Independent variables

SEW. Congruent with recent calls for distinguishing between dimensions of SEW (Gomez-Mejia, Cruz, Berrone, & De Castro, 2011), we identify three formative dimensions, which have different antecedents as well as consequences (George, 2011; Sullivan & Ford, 2010). As a consequence of the results of the exploratory factor analysis (Kaiser-Meyer-Olkin sample adequacy equal to 0.937, significant Bartlett’s test of sphericity at a level below 0.05, percentage of variance explained equal to 61.7 for four factors), and following Hinkin’s (1998) criteria (presented earlier), we eliminated 10 items from the original scale.

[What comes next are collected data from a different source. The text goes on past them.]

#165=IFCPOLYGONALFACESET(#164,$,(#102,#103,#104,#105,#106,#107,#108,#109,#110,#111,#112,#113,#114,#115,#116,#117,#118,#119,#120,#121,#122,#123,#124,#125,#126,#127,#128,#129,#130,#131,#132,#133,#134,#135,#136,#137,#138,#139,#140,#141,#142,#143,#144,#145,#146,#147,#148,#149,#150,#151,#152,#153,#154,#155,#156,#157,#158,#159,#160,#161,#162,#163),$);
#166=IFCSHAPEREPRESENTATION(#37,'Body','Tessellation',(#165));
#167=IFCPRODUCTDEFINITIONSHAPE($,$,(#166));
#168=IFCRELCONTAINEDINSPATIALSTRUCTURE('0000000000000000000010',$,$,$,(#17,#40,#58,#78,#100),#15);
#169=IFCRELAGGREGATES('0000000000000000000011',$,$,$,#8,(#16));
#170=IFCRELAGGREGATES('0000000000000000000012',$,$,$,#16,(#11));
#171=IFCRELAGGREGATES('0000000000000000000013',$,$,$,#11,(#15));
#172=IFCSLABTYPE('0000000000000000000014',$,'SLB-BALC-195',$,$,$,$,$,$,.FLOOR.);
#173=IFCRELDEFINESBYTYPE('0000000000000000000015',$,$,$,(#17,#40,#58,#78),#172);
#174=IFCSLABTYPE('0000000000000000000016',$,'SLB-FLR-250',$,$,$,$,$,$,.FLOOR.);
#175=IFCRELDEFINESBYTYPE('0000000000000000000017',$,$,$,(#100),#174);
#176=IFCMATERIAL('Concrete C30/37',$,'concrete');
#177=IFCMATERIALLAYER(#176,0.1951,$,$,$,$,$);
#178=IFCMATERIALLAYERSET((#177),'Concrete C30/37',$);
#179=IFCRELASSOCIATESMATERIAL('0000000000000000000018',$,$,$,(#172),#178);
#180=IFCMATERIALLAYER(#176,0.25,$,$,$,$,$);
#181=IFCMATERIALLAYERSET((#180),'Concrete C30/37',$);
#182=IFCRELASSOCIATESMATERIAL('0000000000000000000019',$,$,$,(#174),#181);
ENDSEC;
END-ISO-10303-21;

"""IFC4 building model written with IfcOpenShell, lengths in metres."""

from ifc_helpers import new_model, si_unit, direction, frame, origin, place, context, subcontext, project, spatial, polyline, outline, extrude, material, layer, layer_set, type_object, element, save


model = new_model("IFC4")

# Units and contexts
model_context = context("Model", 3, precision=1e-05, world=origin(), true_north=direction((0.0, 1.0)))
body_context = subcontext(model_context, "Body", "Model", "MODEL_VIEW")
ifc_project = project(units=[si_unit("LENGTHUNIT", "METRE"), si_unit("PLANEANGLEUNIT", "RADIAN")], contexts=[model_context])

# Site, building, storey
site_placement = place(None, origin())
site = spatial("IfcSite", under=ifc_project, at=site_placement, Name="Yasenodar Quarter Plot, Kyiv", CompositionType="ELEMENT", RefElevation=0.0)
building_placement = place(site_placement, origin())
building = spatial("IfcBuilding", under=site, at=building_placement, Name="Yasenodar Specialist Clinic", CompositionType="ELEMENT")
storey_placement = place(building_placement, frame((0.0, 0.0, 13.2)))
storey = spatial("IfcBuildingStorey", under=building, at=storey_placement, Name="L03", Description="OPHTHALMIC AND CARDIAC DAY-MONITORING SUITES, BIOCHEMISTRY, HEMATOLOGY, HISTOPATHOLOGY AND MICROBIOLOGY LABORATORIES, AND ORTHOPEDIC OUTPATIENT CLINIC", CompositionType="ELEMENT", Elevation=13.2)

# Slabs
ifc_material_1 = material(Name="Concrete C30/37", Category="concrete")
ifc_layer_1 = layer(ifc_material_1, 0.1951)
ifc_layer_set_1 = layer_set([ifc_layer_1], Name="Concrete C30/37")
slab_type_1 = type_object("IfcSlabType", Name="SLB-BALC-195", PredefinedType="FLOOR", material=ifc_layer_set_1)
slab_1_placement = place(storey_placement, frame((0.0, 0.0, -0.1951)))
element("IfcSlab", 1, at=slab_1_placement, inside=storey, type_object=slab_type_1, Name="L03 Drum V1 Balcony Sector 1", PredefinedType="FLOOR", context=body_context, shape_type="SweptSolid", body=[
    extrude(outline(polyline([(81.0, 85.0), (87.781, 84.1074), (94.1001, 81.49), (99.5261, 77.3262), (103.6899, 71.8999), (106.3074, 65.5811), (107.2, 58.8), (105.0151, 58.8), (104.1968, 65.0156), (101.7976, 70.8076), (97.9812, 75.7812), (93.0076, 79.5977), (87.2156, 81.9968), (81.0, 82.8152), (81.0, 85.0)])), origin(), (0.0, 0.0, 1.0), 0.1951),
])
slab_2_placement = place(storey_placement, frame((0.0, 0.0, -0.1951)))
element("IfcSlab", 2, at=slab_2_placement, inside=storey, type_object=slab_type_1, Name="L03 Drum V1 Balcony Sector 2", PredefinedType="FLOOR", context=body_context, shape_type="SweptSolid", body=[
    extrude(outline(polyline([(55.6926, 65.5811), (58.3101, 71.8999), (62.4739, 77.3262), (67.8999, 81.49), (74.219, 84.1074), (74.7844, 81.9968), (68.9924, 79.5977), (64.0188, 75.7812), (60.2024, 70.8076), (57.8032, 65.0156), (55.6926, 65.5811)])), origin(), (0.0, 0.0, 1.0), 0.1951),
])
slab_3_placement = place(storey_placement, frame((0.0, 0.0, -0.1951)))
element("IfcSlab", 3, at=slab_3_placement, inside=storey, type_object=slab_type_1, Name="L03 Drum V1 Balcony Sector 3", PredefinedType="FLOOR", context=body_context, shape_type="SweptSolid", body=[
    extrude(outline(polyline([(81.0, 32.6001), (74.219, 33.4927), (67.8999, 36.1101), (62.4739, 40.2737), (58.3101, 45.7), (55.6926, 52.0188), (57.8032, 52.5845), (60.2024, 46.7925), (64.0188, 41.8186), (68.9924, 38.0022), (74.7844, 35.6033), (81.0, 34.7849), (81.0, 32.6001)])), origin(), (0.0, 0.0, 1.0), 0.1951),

The remaining 17 items were subjected to confirmatory factor analysis in Mplus. This analysis confirmed that there are three dimensions, and the model was fitted slightly above the cut-off level for RMSEA (0.062, with the cut-off line as 0.06), and with satisfactory CFI and Tucker-Levis Index (TLI) level reaching 0.957 and 0.946, respectively. Thus, finally for calculations we used three dimensions: family control and identification with the firm (11 items, Cronbach’s alpha = 0.947), binding social ties (3 items, Cronbach’s alpha = 0.675, that is slightly above the accepted 0.6 level (Drasgow, 1984)), and long term emotional attachment (emotional attachment of family members and renewal of family bonds) (3 items, Cronbach’s alpha = 0.721). Recent empirical results strongly suggest that the family influence and control dimension yields high levels of family firm noncompliance with corporate governance codes (Kabbach de Castro, Aguilera, & Crespi-Cladera, 2017). In addition, and by contrast, the identification dimension (image and reputation, in their words) weakens the aforementioned relationship. Drawing on this logic, our core argument is that these two SEW dimensions are closely related and influence family firm strategic behavior. Turning to the interpretation of our results, we propose to name the first factor “family control and identification with a firm.” Rotated loadings and questionnaire items are presented in Table 1.

Table 1. Rotated component matrix for SEW

Items

Component

 

Family control and identification with a firm

Binding social ties

Emotional attachment of family members

7. Family members have a strong sense of belonging to my family business

.807

.106

 

8. Family members feel that the family business’s success is their own success

.802

   

11. Family members are proud to tell others that we are part of the family business

.785

   

9. My family business has a great deal of personal meaning for family members

.770

 

.162

3. In my family business, most executive positions are occupied by family members

.768

.187

.114

6. Preservation of family control and independence are important goals for my family business

.748

 

.149

5. The board of directors is mainly composed of family members

.733

.168

 

2. In my family business, family members exert control over the company’s strategic decisions

.730

.219

.111

10. Being a member of the family business helps define who we are

.724

   

1. The majority of the shares in my family business are owned by family members

.708

.234

 

4. In my family business, non-family managers and directors are named by family members

.690

.214

 

14. In my family business, non-family employees are treated as part of the family

 

.808

 

15. In my family business, contractual relationships are mainly based on trust and norms of reciprocity

.202

.805

 

16. Building strong relationships with other institutions (i.e., other companies, professional associations, government agents, etc.) is important for my family business

.236

.500

 

25. Family owners are less likely to evaluate their investment on a short-term basis

.107

0.210

.777

21. In my family business, affective considerations are often as important as economic considerations

.175

.138

.759

19. Protecting the welfare of family members is critical to us, apart from personal contributions to the business

.246

-.199

.567

Source: own calculations based on the survey data.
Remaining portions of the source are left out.